Omessa ammissione della prova testimoniale e vizio di motivazione nella quantificazione della somma mutuata (Cass. civ. Sez. 2 n. 19994 del 15.06.2026)
Principi di diritto (Massima)
La mancata ammissione di un mezzo istruttorio, quale la prova testimoniale o per interpello, si traduce in un vizio della sentenza quando il giudice pone a fondamento della propria decisione l’inosservanza dell’onere probatorio ex art. 2697 c.c., benché la parte si sia offerta di adempierlo. Il vizio di motivazione per omessa ammissione della prova è denunciabile per cassazione se la prova non ammessa è idonea a dimostrare circostanze tali da invalidare, con giudizio di certezza e non di mera probabilità, l’efficacia delle altre risultanze istruttorie che hanno determinato il convincimento del giudice di merito. La motivazione è affetta da contraddittorietà insanabile e viola il “minimo costituzionale” quando il giudice rigetta la domanda ritenendola non provata dopo aver respinto una richiesta non inammissibile di prova.
Il Fatto
La ricorrente otteneva un decreto ingiuntivo per la restituzione di una somma di denaro data a mutuo. Il debitore proponeva opposizione, contestando la causale della dazione e l’ammontare del credito. Il Tribunale rigettava l’opposizione, ma la Corte d’appello, in parziale riforma, riduceva la somma dovuta, ritenendo non provata la misura del credito vantato e omettendo di ammettere le prove orali reiterate dall’attrice.
La Motivazione della Corte
La Corte di cassazione ha affrontato in via pregiudiziale il motivo relativo al valore probatorio dei messaggi, rilevando che la censura sulla quantificazione si traduceva in una richiesta di rivalutazione delle prove documentali, preclusa in sede di legittimità. Tuttavia, ha ritenuto incongrua la giustificazione addotta dalla Corte territoriale per escludere l’ammissione della prova testimoniale e per interpello, reiterata in grado di appello.
Il giudice di merito aveva negato che dai documenti risultasse riconosciuto l’ammontare della somma ricevuta in prestito, ma aveva comunque rigettato la prova orale ritenendola superflua. La Corte ha osservato che, in tale contesto, la prova orale volta a dimostrare la misura delle somme ricevute sarebbe stata dirimente, poiché la decisione sulla quantificazione si fondava esclusivamente sulle ammissioni dell’opponente.
Richiamando il principio secondo cui la mancata ammissione di un mezzo istruttorio integra un vizio della sentenza quando il giudice fonda la decisione sull’inosservanza dell’onere probatorio, la Corte ha evidenziato che il rigetto della prova era stato privo di motivazione e inficiato da logica incoerenza.

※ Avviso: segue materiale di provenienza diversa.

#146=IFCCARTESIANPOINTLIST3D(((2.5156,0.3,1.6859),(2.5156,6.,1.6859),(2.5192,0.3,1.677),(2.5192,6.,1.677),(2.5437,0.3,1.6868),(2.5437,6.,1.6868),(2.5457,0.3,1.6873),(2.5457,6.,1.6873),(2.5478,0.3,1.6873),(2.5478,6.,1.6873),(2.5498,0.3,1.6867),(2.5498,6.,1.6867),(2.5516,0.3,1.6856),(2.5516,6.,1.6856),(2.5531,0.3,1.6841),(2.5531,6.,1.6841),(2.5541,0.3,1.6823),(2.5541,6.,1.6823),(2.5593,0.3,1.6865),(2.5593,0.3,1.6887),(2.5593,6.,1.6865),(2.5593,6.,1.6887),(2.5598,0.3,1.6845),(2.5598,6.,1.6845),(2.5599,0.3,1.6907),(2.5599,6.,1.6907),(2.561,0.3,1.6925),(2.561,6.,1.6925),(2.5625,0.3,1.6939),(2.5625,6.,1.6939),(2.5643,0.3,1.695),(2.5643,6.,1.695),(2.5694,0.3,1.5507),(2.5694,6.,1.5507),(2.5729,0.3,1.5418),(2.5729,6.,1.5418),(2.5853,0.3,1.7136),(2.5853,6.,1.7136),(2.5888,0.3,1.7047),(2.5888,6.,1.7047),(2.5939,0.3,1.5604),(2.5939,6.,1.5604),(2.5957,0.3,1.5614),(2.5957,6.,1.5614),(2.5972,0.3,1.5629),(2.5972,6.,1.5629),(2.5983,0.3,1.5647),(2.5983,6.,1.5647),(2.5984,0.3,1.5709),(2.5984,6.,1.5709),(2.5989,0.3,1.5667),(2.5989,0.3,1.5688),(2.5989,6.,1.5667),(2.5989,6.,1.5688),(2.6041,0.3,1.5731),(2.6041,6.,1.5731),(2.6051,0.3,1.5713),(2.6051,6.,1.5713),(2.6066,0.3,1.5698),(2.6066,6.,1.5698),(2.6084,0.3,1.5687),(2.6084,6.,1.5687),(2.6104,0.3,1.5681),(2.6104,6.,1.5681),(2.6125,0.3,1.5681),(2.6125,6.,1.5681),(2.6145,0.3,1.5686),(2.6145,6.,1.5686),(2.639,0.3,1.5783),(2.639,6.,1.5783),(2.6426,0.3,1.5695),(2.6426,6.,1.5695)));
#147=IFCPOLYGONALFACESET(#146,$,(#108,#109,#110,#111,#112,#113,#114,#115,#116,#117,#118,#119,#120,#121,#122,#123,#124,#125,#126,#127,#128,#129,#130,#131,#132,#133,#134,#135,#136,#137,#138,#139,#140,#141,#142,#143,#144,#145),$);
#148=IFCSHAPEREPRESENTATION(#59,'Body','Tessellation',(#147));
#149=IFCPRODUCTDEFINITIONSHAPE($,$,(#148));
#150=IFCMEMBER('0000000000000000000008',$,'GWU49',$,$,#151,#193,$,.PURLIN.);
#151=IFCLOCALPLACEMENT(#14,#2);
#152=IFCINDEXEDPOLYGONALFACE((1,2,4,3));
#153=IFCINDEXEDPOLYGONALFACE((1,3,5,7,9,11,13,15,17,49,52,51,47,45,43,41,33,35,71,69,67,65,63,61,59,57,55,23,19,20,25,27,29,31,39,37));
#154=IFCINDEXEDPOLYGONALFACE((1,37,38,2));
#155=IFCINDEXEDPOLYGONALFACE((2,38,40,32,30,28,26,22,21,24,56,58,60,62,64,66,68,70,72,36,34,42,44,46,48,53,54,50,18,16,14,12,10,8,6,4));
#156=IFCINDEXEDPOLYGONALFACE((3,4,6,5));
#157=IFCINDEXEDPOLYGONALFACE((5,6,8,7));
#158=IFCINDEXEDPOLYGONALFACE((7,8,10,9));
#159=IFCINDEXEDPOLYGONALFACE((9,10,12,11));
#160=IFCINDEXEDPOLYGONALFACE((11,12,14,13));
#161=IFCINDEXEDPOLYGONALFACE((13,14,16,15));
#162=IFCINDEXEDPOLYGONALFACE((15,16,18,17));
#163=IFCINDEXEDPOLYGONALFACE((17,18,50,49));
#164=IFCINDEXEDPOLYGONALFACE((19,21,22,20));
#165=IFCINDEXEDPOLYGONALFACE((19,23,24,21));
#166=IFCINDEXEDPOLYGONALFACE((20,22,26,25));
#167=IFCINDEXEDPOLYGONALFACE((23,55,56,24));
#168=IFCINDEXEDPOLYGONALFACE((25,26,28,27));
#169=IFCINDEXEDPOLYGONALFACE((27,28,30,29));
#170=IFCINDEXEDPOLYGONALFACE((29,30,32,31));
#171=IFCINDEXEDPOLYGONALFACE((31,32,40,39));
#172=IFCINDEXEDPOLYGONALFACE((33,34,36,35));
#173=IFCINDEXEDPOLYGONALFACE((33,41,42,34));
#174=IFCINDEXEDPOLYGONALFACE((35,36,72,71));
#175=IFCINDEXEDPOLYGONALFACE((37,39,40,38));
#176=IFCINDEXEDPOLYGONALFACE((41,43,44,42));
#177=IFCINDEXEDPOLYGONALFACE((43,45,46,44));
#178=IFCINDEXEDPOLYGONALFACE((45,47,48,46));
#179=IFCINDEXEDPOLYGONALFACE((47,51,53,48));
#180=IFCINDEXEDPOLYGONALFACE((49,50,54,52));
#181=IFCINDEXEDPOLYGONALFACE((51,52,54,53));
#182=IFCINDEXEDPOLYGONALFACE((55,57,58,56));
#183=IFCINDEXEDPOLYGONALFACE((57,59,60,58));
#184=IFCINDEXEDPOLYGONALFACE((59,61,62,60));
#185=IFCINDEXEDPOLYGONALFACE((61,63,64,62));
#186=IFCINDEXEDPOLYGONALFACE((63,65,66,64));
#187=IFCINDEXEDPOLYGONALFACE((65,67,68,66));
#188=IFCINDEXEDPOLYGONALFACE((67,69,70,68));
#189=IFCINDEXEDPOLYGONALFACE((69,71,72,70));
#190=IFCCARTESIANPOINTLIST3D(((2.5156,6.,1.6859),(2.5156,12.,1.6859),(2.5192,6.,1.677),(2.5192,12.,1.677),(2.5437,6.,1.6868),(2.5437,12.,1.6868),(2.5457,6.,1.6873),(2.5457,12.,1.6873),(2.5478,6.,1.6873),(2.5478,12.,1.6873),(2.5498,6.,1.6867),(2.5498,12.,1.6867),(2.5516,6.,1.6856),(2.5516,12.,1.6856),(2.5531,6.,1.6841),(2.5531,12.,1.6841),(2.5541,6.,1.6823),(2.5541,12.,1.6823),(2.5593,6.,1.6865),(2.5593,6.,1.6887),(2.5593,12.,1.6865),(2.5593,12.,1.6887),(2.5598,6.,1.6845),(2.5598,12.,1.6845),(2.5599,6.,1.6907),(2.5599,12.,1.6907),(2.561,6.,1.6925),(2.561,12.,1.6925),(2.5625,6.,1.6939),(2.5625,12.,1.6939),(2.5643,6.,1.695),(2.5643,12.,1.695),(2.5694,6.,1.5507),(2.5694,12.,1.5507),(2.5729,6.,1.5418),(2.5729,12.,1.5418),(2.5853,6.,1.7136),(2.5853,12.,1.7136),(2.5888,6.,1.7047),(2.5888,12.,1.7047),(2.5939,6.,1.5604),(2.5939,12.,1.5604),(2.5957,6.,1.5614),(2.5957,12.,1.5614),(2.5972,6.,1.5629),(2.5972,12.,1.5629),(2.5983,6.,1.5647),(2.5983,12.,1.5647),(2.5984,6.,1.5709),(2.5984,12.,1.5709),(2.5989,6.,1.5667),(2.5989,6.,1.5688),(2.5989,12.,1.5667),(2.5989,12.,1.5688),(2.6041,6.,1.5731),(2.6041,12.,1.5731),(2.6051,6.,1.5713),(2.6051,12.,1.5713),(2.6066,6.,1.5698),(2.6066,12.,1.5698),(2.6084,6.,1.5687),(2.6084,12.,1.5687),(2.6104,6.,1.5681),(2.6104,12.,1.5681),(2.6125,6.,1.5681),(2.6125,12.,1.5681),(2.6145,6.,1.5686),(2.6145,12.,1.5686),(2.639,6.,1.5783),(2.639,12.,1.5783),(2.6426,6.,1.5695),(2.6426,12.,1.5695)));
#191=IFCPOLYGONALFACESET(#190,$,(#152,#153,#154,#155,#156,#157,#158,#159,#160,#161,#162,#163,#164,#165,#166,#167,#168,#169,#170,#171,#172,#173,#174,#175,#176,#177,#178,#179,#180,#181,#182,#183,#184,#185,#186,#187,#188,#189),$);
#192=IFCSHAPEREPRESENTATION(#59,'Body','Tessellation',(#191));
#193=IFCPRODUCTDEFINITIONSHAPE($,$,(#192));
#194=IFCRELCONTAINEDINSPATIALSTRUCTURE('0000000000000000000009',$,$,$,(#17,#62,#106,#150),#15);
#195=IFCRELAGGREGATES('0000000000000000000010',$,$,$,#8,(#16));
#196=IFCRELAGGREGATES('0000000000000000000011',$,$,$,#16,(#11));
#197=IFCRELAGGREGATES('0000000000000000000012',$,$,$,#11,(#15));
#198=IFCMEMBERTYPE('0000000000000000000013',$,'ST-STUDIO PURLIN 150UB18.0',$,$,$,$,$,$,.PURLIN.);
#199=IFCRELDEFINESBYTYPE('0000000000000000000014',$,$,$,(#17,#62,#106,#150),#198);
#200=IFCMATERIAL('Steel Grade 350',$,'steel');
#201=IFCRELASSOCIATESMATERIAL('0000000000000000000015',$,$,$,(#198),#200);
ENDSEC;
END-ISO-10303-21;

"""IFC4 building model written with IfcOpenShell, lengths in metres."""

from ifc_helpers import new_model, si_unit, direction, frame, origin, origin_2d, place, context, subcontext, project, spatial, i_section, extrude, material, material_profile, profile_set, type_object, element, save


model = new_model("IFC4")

I capitoli di prova concernevano elementi fattuali oggettivi, astrattamente idonei a dimostrare la fondatezza della pretesa nella misura indicata dalla mutuante.

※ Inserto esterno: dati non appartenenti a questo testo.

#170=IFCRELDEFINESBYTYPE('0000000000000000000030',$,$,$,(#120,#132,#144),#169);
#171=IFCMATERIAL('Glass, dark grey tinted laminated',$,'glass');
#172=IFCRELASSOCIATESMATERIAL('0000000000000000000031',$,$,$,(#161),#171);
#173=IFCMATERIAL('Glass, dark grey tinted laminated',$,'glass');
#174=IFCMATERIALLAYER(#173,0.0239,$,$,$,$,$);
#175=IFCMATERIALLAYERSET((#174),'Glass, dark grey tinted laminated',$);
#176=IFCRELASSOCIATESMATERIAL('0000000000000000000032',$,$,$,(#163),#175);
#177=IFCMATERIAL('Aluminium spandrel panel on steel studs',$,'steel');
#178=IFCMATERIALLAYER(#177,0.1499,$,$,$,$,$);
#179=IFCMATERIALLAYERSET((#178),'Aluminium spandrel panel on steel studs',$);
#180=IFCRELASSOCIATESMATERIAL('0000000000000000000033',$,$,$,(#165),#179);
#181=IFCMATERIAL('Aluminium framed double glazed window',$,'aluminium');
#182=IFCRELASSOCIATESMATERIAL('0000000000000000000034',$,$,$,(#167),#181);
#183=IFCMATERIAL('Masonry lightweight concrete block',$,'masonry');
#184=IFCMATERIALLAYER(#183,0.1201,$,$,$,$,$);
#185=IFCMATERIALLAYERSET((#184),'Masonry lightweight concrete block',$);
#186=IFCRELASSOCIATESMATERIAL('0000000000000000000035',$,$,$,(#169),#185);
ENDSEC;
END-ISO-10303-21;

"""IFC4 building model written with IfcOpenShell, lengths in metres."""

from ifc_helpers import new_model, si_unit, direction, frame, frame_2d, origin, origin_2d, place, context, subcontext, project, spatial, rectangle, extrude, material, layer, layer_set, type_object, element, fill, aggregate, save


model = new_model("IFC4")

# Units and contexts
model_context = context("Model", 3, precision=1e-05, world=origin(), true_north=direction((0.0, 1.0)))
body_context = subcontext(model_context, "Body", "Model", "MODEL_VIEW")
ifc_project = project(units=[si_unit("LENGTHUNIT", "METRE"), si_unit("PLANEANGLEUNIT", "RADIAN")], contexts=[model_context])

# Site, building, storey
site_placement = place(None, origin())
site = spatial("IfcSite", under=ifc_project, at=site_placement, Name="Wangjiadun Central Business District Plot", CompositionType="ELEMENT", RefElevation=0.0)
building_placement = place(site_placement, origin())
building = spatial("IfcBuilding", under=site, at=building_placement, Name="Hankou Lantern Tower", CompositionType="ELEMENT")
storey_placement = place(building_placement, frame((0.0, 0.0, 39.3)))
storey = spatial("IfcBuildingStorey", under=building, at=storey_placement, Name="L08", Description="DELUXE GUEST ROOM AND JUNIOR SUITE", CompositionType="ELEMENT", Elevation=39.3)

La motivazione è stata ritenuta affetta da contraddittorietà insanabile, perché la Corte d’appello avrebbe dovuto valutare l’ammissione della prova orale dopo aver escluso che dai documenti emergesse l’entità del credito. La sentenza è stata quindi cassata con rinvio, restando assorbiti i motivi sulle spese e sulla pretesa ultrapetizione.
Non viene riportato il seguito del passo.